Main components of Hadoop
Cluster (3 nodes)
A typical Hadoop cluster consists of three types of nodes, each serving a specific purpose in the distributed processing framework.
Edge Node
Edge nodes act as the interface between users and the cluster:
- Users submit jobs and queries through these nodes (e.g., Spark jobs, Hive queries)
- They host client tools and interfaces (e.g., Hue, CLI tools)
- They ensure secure access to the internal cluster
Master Nodes
Master nodes handle coordination and management of resources and tasks:
- NameNode (HDFS): Tracks where data is stored
- ResourceManager (YARN): Allocates computing resources
- Hive Metastore / Impala Catalog: Manages metadata for querying
Multiple master nodes ensure high availability—if one fails, others take over.
Worker Nodes
Worker nodes store the actual data and perform computations:
- DataNodes (HDFS): Store file blocks
- NodeManagers (YARN): Execute processing tasks
- Spark Executors / Hive Workers: Process data in parallel
The more worker nodes, the more data and jobs a cluster can handle.
HDFS: Fault-Tolerant Storage
HDFS, which stands for Hadoop Distributed System, is the cloud file system, can be extended as required by simply adding nodes.
The character is to be a fault-tolerance file systems, this means that there is no loss of information in case of faults or malfunctions
This is guaranteed by replicated system used by HDFS for storing the files on Cloud. In fact, the file are split into multiple packets and replicated within the HDFS. In this way we have multiple copies of the same file.
Hive: SQL Interface for Hadoop
Apache Hive provides a data warehouse infrastructure built on top of Hadoop for data summarization, querying, and analysis. It offers a SQL-like interface to Hadoop, making it accessible to users familiar with traditional database systems.
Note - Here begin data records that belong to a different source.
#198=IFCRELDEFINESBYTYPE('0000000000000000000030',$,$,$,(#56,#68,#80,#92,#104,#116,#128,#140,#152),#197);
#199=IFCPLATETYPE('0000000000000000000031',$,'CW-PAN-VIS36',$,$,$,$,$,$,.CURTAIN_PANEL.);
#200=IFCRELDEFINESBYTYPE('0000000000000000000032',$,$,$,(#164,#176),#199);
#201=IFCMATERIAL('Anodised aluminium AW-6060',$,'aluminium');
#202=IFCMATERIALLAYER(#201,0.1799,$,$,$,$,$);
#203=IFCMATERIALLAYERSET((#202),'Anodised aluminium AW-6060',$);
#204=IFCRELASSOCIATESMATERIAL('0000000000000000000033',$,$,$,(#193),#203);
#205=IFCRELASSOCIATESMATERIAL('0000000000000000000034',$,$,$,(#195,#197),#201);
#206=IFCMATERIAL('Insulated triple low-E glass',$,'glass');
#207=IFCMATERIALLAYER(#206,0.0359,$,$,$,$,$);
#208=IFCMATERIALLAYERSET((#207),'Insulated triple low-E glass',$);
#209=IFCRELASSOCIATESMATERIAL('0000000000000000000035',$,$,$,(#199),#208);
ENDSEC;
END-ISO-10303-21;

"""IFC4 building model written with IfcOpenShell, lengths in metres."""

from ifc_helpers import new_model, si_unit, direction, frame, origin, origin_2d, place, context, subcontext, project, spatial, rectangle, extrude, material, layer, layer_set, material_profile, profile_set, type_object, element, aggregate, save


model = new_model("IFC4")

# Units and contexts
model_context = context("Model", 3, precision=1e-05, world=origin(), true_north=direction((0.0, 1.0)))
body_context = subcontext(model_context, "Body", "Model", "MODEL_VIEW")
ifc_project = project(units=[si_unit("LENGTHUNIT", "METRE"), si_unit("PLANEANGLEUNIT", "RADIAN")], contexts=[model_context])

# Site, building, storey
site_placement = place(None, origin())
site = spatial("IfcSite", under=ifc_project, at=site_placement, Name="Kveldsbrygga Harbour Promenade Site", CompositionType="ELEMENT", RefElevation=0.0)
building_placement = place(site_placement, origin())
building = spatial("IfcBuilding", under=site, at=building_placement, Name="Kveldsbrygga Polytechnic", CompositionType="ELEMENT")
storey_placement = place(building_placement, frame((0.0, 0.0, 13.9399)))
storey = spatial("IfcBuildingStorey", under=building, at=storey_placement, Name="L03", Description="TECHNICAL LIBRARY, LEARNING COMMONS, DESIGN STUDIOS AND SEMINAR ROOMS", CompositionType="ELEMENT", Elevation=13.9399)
Hive consists of two main services:
- Hive Server: The SQL engine that executes queries
- Metastore: The table catalog that maintains metadata about tables and partitions
HCatalog: Table and Storage Management Layer
HCatalog is a table and storage management layer for Hadoop that provides high-level abstraction to other frameworks like MapReduce, Spark, and Pig by performing I/O operations to the distributed storage layer for Hive tables.
HCatalog comprises 3 key elements:
- SerDe: Serialization and deserialization library to process various data formats
- Metastore DB: Stores the schema of Hive tables
- WebHCat/HCatalog REST: UI/REST layer on top of metastore DB for web clients
HBase: Distributed NoSQL Database
HBase is a distributed, scalable, big data store designed to support random, real-time read/write access to large datasets.
- Data is partitioned based on RowKeys into Regions
- Each Region contains a range of RowKeys based on their binary order
- A RegionServer can contain several Regions
- All Regions contained in a RegionServer share one write-ahead log (WAL)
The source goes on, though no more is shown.